André introduced a paper from Towers, et al. that identified a causative mutation for the condition incontinentia pigmenti using WGS, calling SNPs and INDELS against the EquCab2 reference genome. This approach is very similar to a recent paper from the 1000 Bull Genomes Project ,in which whole-genome sequencing of 234 bulls facilitated the mapping of both monogenic and complex traits in cattle. In addition to reporting observations such as the Holstein and Fleckvieh genomes sharing the greatest number while the Angus and Jersey genomes shared the lowest number of polymorphic variants, the paper also illustrated that WGS of just “a few” affected bulls combined with the 1000 Bull Genomes data enables identification of dominant variants. Another important benefit of NGS is the ability to look at gene expression and regulation, even in non-model animals for which there is currently no (or poor quality) reference genomes.

Next, Dr. Karim Gharbi from Edinburgh Genomics presented on genotyping-by-sequencing (GBS), which  offers the cost benefits of genotyping but can be applied at varying densities and to non-model organisms for which no genotyping arrays exist. Dr. Gharbi gave an elegant review of the current methods (see Davey et al.’s excellent review here), before concluding with the bold statement “GBS will replace arrays; it’s not if, it’s when”.

Next up was Dr. Mick Watson, also from Edinburgh Genomics, on exome sequencing in pigs. Mick started off by introducing us to the concept of “Food Security”– that is, ensuring that everyone on the planet has enough food to eat.

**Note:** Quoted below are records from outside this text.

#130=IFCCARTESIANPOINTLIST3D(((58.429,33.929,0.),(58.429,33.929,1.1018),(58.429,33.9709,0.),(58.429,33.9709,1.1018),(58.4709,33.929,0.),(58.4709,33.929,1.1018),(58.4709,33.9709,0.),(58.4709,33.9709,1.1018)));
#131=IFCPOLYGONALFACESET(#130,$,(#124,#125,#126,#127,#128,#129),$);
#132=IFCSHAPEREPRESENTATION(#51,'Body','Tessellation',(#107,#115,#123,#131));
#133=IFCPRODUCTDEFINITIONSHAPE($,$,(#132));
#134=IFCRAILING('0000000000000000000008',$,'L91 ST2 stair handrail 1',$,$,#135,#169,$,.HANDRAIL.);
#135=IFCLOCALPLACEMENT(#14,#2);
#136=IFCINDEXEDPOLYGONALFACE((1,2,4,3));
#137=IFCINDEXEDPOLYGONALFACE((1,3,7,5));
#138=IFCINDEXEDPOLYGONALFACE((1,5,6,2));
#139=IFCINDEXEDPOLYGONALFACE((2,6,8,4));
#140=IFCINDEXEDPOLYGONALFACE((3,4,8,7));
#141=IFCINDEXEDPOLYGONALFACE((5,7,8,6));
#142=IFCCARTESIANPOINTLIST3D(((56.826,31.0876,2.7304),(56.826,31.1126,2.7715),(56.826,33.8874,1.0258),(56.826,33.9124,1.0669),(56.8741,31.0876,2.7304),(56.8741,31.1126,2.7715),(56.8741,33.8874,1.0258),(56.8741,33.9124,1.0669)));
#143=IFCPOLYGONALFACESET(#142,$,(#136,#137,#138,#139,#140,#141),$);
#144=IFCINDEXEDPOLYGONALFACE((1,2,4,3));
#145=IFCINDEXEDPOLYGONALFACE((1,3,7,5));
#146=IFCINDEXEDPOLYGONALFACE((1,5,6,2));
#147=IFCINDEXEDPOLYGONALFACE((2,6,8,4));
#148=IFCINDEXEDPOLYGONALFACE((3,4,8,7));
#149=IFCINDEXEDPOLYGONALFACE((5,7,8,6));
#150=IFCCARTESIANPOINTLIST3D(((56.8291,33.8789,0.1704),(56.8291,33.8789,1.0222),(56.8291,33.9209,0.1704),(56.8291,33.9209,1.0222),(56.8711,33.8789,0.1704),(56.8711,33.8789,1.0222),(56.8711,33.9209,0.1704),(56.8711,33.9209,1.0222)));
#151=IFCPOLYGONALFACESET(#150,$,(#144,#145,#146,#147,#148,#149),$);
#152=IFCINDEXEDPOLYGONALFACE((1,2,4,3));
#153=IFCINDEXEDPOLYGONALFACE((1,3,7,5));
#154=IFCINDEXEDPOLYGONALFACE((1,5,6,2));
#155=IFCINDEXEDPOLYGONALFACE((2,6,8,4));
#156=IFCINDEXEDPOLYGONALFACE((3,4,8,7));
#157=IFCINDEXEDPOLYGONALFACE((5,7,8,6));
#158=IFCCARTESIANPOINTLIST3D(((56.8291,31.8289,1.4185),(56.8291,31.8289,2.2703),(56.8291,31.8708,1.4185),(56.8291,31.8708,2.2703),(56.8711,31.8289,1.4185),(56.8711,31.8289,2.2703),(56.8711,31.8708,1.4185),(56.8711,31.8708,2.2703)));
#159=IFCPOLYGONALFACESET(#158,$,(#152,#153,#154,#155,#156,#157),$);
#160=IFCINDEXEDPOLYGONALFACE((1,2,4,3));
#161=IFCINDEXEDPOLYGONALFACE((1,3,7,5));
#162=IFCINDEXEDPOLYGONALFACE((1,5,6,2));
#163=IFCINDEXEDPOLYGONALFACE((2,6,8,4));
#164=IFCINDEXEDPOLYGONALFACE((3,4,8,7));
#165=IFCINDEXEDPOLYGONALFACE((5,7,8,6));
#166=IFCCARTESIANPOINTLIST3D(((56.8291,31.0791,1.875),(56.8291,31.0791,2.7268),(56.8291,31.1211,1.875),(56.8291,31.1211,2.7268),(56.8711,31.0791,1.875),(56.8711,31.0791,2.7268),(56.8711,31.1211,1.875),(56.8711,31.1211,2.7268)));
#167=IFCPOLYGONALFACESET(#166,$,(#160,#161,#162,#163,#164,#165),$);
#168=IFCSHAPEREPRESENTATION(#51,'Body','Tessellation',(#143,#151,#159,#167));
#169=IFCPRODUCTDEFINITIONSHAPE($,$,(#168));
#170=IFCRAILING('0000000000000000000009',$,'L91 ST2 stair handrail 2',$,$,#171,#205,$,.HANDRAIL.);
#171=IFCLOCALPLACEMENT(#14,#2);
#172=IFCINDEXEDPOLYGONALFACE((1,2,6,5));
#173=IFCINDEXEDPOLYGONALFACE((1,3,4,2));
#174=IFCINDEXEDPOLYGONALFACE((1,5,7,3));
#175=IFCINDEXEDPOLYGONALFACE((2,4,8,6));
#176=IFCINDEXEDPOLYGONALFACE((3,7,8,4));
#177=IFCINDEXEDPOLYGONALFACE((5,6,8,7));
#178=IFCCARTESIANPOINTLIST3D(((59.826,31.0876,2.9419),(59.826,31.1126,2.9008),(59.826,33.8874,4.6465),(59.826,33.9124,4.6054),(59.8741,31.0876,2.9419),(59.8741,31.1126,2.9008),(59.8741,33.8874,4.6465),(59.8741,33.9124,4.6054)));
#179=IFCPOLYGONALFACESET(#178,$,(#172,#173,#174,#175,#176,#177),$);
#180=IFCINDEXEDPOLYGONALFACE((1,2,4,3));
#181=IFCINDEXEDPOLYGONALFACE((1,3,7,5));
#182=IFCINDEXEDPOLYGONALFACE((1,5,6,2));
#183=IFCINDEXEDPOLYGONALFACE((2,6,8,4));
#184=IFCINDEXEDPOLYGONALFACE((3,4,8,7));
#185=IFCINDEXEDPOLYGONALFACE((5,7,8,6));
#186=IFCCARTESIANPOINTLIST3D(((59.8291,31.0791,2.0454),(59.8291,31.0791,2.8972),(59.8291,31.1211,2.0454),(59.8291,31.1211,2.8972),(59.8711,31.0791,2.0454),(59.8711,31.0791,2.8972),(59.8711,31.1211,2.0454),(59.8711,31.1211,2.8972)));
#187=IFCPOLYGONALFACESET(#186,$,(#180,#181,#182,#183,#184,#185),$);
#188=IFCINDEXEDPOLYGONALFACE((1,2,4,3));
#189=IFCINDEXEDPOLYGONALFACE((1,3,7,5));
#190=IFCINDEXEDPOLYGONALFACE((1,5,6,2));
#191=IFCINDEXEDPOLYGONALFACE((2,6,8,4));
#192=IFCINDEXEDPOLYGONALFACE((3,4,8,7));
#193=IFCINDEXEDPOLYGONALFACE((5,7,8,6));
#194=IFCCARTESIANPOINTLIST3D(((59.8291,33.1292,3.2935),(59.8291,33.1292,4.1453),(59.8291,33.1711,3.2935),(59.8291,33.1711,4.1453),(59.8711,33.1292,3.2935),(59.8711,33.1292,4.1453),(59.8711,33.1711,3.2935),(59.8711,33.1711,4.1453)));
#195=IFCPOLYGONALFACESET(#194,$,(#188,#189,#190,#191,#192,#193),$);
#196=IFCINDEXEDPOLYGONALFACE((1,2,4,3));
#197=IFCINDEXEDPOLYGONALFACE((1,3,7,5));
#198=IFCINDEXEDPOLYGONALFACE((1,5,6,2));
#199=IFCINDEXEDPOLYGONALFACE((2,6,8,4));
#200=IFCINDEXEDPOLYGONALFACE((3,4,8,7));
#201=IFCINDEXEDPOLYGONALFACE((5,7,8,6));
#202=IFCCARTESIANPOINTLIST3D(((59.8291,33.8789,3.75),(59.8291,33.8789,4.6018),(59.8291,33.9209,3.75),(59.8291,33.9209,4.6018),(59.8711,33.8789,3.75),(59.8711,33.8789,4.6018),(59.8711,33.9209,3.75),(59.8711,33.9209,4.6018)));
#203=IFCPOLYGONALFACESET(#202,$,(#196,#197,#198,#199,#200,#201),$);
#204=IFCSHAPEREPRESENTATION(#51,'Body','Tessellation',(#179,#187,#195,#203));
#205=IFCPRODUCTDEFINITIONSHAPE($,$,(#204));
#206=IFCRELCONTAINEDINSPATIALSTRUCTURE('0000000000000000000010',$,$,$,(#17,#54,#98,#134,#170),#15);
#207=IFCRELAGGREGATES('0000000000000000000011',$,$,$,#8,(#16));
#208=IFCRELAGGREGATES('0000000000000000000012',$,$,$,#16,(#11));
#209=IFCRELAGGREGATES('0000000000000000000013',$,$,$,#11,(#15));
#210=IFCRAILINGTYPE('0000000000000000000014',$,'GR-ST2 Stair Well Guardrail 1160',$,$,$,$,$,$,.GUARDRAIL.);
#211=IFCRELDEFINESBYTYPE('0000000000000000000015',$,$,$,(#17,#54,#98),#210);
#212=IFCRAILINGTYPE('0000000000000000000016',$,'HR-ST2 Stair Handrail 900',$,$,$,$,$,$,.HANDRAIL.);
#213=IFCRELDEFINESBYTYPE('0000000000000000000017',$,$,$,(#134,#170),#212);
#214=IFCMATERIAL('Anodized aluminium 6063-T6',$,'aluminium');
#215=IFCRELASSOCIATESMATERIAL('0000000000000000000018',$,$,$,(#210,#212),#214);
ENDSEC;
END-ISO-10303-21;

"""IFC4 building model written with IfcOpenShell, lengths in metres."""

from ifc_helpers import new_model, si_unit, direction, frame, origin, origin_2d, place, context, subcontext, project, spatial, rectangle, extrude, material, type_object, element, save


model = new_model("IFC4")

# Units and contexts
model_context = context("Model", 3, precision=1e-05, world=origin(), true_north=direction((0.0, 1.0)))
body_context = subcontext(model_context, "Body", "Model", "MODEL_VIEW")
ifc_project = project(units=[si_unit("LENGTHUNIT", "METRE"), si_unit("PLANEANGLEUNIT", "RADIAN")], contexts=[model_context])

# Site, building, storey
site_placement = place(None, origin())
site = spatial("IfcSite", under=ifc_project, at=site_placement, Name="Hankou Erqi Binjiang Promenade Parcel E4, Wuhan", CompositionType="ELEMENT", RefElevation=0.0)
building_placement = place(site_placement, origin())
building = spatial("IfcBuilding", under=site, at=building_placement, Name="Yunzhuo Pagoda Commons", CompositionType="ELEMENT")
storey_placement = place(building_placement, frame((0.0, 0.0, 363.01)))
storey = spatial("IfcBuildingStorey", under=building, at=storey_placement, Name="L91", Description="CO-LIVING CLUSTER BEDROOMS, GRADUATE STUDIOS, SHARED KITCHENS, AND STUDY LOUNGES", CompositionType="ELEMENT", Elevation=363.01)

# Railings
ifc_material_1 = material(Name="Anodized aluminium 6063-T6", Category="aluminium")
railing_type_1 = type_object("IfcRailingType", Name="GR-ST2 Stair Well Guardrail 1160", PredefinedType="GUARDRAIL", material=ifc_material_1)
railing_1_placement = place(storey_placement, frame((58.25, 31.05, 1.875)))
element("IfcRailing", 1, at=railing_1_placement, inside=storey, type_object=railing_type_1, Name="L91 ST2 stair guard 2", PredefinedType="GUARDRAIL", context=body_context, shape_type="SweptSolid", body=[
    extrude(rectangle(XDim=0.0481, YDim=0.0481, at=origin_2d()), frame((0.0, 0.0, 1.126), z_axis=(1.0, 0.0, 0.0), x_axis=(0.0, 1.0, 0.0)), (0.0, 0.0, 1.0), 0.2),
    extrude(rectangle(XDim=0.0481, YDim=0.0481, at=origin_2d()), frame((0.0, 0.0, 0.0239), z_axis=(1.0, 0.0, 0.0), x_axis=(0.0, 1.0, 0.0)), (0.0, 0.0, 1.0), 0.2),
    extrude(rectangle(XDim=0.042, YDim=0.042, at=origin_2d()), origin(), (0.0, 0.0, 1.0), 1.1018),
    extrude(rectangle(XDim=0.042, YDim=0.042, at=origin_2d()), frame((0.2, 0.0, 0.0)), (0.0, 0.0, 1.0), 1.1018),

Challenges include population increases, consumer demand, governance, and globalisation. Dr. Watson beautifully illustrated man’s environmental impact using China’s Three Gorges Dam as an example, which is so large that it has changed the Earth’s spin and shape! It is estimated that over the next 50 years we need to produce more food than has been produced in the past 10,000 years combined. Dr. Mick moved next onto pigs, which in addition to being an important food, also serves as an excellent model for many human diseases. A key issue is that the pig exome is just 45-50 Mb compared to 65 Mb+ for mouse/humans. Mick informed us that the real issue is one of poor annotation, highlighting the example of the IGF2 gene. IGF2 is central to many biological processes and diseases but is very poorly assembled and annotated in the pig genome. A quick overview of his current pipeline showed that they’re using BWA/GATK/Ensembl VEP, and currently have challenges with the elimination of false positives; something that he hopes will be improved for Pig Exome 2.0.

The last customer presentation of the day came from Dr. John Hickey from the Roslin Institute, presenting on sequencing for genomic selection. Dr. Hickey estimates by the end of the decade, individual breeding programs with more than 1 million animals will be the norm, but pointed out that the target is the population rather than an individual. Dr. Hickey discussed the evolution of Genomic Selection: GS 0.0 relied on linkage disequilibrium (LD), GS 1.0 was linkage-based, whereas GS 2.0 is LD and quantitative trait nucleotide (QTN)-based. Falling sequencing costs will drive the transition from arrays to sequencing in all individuals, but current costs preclude this model. In the interim, it may be best to sequence haplotypes at high-coverage. Using simulation data to compare two experiments:

 (1) 25 sires at 40x and genotyping progeny with 200 = 0.752 imputation accuracy

 (2) Sequencing alone of 1000 progeny at 1x = > 0.9 imputation accuracy  

Dr. Hickey concluded that high candidate numbers with low pass coverage is arguably more informative than high coverage in smaller sample sizes.

Overall, and despite an intense week, our audience enjoyed the session and it as clear that the debate about the transitioning from array-based genotyping to GBS or even WGS has begun in earnest! We’ll report more on this topic next month from the Plant and Animal Genome meeting (PAG) in San Diego.